StreamWriteOperatorCoordinator.handleWriteMetaEvent
(StreamWriteOperatorCoordinator.java:734) ~[?:?]
    at com.huawei.clouds.dataarts.migration.connector.hudi.sink.StreamWriteOperatorCoordinator.lambda$null$6(StreamWriteOperatorCoordinator.java:545) ~[?:?]
    at com.huawei.clouds.dataarts.shaded.org.apache.hudi.sink.utils.NonThrownExecutor.lambda$execute$0(NonThrownExecutor.java:99) ~[?:?]
    at java.util.concurrent.ThreadPoolExecutor.runWorker(ThreadPoolExecutor.java:1149) [?:1.8.0_362]
    at java.util.concurrent.ThreadPoolExecutor$Worker.run(ThreadPoolExecutor.java:624) [?:1.8.0_362]
    at java.lang.Thread.run(Thread.java:750) [?:1.8.0_362]
2025-07-28 16:29:42,401 INFO  org.apache.flink.runtime.jobmaster.JobMaster                 [] - Trying to recover from a global failure.
org.apache.flink.util.FlinkException: Global failure triggered by OperatorCoordinator for 'Sink: bucket_write_llch96.rds_source_tbl_961_0726' (operator 2460c47fb2039644fa5ad82006f0efce).
    at org.apache.flink.runtime.operators.coordination.OperatorCoordinatorHolder$LazyInitializedCoordinatorContext.failJob(OperatorCoordinatorHolder.java:556) ~[flink-dist-1.15.0-h0.cbu.dli.321.r2.jar:1.15.0-h0.cbu.dli.321.r2]
    at com.huawei.clouds.dataarts.migration.connector.hudi.sink.StreamWriteOperatorCoordinator.lambda$null$1(StreamWriteOperatorCoordinator.java:256) ~[?:?]
    at com.huawei.clouds.dataarts.shaded.org.apache.hudi.sink.utils.NonThrownExecutor.lambda$execute$0(NonThrownExecutor.java:109) ~[?:?]
    at java.util.concurrent.ThreadPoolExecutor.runWorker(ThreadPoolExecutor.java:1149) ~[?:1.8.0_362]
    at java.util.concurrent.ThreadPoolExecutor$Worker.run(ThreadPoolExecutor.java:624) ~[?:1.8.0_362]

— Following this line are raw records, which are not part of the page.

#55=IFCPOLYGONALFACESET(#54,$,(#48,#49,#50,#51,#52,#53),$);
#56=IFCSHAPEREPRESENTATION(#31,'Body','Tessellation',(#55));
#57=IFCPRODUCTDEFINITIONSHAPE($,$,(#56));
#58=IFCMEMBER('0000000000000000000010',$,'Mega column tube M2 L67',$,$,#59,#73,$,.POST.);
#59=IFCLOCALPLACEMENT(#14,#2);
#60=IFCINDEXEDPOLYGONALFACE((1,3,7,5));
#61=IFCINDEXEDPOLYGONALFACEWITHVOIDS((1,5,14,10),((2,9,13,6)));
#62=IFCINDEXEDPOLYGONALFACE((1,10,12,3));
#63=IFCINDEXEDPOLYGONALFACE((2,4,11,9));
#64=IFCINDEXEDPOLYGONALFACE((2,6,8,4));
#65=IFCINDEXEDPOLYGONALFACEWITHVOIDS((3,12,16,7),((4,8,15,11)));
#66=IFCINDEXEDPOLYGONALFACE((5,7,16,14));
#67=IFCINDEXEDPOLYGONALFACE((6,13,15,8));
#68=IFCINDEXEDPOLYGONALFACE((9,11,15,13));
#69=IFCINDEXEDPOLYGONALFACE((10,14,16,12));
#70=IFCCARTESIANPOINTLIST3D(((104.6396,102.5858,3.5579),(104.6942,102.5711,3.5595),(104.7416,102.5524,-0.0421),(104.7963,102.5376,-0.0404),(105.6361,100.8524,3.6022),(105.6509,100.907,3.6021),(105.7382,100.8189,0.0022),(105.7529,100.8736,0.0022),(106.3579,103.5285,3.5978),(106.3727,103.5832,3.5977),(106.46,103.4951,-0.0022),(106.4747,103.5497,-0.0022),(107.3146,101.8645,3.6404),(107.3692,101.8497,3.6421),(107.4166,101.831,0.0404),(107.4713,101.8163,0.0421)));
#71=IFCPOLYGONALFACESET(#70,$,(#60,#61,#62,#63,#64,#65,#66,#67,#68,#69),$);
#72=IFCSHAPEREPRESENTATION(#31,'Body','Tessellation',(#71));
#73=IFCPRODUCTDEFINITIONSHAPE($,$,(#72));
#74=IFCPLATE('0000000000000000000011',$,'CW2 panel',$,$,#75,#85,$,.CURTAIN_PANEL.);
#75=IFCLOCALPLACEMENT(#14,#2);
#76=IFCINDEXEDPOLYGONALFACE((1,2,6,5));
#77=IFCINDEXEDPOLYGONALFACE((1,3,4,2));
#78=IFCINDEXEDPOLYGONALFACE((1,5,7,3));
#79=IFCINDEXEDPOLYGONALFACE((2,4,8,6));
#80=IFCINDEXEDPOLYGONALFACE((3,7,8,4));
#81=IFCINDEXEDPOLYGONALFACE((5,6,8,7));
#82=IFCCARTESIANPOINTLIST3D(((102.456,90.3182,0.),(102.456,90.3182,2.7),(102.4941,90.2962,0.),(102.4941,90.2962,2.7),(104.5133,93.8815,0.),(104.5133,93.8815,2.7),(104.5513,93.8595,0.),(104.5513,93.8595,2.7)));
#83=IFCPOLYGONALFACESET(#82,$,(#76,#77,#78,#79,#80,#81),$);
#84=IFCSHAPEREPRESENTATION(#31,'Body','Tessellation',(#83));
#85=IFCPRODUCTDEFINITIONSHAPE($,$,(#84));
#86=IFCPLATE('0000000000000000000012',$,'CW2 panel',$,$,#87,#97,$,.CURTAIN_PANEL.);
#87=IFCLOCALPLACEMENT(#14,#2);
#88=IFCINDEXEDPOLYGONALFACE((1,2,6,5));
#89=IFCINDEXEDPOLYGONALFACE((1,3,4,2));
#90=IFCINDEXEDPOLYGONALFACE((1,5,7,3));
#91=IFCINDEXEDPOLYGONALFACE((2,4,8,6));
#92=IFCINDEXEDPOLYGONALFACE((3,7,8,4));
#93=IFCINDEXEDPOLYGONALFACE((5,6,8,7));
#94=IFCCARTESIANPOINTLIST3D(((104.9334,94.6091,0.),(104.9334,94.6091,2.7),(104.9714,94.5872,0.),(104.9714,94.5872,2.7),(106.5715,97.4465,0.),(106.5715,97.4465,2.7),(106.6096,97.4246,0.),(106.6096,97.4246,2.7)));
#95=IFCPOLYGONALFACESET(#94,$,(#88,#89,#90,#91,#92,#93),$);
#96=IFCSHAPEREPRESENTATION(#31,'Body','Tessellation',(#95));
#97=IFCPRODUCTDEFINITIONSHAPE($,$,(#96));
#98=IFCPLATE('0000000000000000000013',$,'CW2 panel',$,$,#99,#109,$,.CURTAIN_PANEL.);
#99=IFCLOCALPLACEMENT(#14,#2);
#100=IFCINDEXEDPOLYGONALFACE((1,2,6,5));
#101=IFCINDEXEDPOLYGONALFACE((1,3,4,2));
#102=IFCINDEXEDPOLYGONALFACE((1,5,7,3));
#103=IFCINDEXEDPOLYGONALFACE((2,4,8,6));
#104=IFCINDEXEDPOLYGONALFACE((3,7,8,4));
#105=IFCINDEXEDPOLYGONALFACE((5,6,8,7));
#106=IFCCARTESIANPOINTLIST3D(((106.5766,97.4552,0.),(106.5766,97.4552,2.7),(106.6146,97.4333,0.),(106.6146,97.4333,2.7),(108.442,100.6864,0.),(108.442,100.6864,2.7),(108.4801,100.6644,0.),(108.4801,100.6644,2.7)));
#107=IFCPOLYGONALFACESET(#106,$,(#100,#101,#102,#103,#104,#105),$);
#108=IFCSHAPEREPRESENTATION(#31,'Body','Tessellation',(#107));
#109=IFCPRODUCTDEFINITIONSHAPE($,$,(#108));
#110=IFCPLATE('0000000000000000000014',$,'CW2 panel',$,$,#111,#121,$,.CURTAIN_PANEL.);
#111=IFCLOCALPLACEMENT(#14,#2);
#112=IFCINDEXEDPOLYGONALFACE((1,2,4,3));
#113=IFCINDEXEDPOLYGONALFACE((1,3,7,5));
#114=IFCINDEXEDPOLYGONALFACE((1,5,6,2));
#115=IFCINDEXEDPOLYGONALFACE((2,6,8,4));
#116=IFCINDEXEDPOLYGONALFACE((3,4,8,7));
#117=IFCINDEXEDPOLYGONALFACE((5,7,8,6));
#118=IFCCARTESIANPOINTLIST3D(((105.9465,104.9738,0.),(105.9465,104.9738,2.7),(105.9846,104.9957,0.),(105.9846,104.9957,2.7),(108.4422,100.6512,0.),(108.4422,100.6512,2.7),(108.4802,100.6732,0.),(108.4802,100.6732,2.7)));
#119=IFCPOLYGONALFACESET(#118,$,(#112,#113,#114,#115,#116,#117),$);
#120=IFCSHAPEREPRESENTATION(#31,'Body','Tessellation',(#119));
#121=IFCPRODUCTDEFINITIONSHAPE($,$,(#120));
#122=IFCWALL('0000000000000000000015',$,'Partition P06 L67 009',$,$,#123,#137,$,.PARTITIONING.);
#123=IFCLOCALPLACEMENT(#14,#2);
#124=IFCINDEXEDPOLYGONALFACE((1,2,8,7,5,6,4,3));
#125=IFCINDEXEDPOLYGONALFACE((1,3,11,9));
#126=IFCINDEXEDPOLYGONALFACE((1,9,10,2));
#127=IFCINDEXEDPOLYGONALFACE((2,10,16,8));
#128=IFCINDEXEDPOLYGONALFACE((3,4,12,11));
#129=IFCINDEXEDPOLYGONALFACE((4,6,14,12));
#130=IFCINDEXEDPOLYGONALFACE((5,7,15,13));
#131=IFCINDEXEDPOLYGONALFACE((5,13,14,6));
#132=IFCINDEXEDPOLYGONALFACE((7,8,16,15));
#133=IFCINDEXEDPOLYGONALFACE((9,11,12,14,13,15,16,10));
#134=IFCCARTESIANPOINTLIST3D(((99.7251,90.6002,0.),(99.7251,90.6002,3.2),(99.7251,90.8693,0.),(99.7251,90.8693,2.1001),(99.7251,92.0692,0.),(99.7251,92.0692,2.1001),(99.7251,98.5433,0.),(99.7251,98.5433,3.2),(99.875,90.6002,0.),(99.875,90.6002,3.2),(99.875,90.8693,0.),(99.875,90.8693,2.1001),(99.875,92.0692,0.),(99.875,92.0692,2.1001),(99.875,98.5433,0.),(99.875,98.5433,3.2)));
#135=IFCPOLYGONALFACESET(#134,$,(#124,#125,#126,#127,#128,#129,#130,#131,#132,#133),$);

    at java.lang.Thread.run(Thread.java:750) ~[?:1.8.0_362]
Caused by: com.huawei.clouds.dataarts.shaded.org.apache.hudi.exception.HoodieException: Executor executes action [handle write metadata event for instant 20250728162827526] error
    ... 5 more
Caused by: java.lang.IllegalStateException: Receive an unexpected event for instant 20250728162940486 from task 0
    at com.huawei.clouds.dataarts.shaded.org.apache.hudi.common.util.ValidationUtils.checkState(ValidationUtils.java:73) ~[?:?]
    at com.huawei.clouds.dataarts.migration.connector.hudi.sink.StreamWriteOperatorCoordinator.handleWriteMetaEvent(StreamWriteOperatorCoordinator.java:734) ~[?:?]

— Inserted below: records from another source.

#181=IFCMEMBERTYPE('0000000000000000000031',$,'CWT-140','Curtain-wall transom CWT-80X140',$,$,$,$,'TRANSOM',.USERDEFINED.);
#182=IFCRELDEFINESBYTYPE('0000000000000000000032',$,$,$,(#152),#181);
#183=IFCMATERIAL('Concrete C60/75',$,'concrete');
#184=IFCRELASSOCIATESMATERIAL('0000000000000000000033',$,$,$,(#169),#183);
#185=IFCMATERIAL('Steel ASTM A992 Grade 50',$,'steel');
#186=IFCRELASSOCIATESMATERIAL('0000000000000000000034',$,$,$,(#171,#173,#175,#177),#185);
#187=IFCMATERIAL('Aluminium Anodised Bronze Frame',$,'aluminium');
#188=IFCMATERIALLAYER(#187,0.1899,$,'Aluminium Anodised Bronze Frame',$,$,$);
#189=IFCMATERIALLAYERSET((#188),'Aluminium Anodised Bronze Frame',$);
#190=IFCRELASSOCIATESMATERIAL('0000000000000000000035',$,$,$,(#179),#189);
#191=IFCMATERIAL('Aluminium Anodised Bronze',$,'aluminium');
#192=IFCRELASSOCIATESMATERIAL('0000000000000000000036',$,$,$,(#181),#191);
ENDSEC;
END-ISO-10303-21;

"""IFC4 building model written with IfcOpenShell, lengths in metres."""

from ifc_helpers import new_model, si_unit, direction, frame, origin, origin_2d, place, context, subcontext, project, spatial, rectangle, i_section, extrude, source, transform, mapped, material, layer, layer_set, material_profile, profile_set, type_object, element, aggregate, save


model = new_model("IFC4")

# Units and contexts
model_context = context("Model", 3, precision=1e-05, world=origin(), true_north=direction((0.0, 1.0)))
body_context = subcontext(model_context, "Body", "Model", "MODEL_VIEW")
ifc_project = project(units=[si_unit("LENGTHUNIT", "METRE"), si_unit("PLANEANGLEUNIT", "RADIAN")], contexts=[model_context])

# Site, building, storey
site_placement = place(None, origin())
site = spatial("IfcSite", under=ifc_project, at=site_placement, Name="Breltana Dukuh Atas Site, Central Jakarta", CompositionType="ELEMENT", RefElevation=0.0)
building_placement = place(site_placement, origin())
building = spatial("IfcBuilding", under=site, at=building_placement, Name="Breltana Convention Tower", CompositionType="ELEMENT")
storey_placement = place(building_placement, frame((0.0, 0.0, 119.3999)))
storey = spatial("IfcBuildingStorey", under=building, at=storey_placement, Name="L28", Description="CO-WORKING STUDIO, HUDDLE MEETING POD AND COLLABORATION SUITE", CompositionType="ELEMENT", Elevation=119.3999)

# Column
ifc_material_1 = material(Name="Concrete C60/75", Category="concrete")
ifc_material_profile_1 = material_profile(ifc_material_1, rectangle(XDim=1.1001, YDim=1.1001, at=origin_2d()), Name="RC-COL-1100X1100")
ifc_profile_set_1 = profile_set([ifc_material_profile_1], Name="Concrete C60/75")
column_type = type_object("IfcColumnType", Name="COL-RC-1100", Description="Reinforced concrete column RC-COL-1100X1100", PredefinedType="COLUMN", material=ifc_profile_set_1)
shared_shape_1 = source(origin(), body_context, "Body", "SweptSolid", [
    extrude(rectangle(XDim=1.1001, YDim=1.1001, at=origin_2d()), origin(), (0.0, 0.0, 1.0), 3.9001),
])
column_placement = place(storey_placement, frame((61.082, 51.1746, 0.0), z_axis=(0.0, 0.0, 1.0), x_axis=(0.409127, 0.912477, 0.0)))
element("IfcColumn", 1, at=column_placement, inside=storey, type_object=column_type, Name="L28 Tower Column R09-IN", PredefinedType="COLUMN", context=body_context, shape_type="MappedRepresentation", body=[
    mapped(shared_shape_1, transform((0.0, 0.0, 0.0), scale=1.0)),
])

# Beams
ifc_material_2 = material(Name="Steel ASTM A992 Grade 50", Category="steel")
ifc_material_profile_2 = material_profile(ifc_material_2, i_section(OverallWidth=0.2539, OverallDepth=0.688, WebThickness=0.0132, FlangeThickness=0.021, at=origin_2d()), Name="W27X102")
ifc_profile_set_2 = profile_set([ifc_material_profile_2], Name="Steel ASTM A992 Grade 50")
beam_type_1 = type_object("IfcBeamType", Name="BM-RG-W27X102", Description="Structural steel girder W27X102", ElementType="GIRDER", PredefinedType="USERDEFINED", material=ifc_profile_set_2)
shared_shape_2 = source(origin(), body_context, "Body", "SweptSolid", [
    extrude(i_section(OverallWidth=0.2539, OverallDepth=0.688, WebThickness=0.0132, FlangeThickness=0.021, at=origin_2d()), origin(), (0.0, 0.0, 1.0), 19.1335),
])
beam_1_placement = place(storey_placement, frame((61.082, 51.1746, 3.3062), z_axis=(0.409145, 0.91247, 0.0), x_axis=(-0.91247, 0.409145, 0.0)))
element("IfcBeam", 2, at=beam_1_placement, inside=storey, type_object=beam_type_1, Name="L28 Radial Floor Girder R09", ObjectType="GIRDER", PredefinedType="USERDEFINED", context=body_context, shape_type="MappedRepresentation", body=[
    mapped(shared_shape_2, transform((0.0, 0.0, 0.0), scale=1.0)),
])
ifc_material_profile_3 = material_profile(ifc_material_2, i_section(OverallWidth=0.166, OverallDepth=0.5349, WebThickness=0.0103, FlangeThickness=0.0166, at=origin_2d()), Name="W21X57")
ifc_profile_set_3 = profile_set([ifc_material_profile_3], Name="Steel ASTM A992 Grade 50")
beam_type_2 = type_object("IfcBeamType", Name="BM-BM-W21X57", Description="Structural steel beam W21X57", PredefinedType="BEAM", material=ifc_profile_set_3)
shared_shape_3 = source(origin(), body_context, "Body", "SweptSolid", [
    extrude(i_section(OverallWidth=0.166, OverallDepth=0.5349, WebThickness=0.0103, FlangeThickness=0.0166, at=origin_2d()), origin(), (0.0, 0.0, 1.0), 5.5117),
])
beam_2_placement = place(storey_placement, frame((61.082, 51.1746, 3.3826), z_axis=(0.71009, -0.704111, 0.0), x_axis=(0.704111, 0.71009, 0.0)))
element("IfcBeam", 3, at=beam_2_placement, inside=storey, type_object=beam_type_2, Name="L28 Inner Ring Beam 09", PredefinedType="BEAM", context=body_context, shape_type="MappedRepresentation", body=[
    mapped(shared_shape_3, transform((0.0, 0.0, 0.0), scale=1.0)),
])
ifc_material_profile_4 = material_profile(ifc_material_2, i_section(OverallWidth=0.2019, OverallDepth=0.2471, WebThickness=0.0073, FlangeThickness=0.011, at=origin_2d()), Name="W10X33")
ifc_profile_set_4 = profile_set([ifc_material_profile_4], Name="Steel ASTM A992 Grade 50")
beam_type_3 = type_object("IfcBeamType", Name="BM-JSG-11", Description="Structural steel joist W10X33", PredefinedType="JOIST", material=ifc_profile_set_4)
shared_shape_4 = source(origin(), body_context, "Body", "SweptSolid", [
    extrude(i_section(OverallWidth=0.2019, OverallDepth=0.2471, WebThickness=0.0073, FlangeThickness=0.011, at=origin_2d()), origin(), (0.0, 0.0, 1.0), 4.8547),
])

    at com.huawei.clouds.dataarts.migration.connector.hudi.sink.StreamWriteOperatorCoordinator.lambda$null$6(StreamWriteOperatorCoordinator.java:545) ~[?:?]

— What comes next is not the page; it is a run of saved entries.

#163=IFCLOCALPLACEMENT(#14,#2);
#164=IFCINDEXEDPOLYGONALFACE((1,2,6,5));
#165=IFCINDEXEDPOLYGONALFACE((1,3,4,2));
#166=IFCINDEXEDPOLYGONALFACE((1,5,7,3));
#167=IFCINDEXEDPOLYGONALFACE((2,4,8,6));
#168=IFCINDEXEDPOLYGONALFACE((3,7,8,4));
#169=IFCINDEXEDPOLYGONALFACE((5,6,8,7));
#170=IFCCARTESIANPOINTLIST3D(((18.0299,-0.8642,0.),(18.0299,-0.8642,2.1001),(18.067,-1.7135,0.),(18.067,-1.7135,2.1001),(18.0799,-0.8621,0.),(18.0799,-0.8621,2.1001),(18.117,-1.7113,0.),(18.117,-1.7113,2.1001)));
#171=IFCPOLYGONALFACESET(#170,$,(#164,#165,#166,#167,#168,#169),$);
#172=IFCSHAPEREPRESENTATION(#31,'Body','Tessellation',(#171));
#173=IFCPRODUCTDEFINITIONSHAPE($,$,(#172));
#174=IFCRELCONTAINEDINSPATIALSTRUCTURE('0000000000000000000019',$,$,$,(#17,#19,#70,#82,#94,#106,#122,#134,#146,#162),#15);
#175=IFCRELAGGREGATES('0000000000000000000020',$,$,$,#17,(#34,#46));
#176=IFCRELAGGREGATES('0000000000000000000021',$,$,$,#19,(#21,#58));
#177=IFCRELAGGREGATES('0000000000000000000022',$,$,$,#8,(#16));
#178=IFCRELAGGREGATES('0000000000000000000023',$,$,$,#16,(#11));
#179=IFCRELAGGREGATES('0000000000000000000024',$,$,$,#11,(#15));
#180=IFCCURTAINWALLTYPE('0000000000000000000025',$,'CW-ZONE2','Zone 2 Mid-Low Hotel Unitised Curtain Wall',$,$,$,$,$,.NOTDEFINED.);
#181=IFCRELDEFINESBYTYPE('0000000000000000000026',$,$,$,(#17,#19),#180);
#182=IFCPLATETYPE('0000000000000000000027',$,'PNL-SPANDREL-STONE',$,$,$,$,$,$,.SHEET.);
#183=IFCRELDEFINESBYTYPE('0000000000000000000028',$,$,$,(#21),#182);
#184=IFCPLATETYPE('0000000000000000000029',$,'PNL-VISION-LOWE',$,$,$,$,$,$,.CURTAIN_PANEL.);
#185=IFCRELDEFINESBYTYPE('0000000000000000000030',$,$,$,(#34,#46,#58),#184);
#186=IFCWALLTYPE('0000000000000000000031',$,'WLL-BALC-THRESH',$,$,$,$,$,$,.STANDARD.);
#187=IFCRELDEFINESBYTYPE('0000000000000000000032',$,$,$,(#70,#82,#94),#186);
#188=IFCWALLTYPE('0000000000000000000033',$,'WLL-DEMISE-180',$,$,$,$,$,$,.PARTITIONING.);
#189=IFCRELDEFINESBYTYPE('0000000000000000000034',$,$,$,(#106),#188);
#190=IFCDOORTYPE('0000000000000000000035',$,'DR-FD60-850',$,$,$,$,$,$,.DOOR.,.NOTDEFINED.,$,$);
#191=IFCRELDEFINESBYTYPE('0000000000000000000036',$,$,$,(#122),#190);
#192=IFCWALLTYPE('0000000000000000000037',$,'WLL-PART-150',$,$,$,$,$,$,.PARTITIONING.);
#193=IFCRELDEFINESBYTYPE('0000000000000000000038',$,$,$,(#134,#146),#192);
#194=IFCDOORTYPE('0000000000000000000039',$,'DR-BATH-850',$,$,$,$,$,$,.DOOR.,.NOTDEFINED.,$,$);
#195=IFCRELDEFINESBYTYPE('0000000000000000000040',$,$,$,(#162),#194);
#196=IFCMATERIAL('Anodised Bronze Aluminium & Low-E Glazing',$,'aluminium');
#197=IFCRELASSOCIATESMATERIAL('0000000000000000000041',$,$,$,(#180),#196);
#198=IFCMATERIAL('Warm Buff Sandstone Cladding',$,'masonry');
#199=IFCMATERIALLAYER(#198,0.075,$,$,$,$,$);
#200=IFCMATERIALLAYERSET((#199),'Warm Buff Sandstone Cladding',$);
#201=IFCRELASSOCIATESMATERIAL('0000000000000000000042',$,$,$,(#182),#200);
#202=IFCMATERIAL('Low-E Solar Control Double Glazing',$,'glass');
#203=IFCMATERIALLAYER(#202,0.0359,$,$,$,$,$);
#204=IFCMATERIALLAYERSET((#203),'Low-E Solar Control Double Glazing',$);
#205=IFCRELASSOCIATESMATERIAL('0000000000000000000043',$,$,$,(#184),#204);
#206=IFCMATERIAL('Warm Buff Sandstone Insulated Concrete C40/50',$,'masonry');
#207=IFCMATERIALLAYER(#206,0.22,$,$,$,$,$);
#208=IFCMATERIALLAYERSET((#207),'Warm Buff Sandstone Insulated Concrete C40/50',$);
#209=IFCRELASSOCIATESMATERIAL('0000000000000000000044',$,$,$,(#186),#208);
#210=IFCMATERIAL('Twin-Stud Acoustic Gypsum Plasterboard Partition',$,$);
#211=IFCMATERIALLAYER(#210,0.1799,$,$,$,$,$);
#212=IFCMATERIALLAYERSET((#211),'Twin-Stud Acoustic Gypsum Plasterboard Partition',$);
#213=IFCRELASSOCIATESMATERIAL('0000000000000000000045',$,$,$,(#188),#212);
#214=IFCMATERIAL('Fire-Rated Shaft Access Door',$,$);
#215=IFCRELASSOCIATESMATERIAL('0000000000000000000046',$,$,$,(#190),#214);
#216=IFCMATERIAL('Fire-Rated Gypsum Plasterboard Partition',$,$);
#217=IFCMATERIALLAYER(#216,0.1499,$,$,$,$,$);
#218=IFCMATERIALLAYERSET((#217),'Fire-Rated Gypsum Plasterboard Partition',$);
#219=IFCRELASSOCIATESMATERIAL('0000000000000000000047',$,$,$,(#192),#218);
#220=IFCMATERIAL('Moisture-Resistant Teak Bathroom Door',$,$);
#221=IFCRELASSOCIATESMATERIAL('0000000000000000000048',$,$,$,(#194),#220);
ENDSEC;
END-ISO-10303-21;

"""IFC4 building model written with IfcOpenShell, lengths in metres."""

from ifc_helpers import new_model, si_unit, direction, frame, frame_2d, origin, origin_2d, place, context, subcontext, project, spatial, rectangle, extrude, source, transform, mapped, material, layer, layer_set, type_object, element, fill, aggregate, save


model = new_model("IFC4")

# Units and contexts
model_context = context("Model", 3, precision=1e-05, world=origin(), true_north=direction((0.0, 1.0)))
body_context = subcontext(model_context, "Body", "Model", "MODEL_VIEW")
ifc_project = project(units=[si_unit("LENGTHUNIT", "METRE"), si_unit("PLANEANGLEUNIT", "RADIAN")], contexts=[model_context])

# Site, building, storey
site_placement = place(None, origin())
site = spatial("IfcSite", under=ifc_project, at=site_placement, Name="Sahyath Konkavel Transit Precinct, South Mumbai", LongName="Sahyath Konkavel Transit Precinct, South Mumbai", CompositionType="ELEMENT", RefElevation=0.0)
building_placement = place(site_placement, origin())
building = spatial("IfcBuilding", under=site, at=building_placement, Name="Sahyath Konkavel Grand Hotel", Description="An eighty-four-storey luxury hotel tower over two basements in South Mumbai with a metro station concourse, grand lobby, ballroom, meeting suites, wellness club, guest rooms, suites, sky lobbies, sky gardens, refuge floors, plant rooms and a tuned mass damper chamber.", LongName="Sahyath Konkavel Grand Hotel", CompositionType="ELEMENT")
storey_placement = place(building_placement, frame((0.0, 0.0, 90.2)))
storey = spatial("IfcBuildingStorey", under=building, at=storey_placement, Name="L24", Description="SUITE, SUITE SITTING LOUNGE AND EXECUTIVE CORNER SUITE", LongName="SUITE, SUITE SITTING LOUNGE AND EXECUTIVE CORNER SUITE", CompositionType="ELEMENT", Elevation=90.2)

    at com.huawei.clouds.dataarts.shaded.org.apache.hudi.sink.utils.NonThrownExecutor.lambda$execute$0(NonThrownExecutor.java:99) ~[?:?]
 原因分析
实时集成作业中,Hudi作为数据源时不支持多个作业(包括Flink、Spark或任意其他实时集成作业),同时对Hudi表进行写操作,会造成Hudi表丢数、作业异常。
解决方案
排查是否存在多个作业并发写入同一张Hudi表,及时停止冗余作业。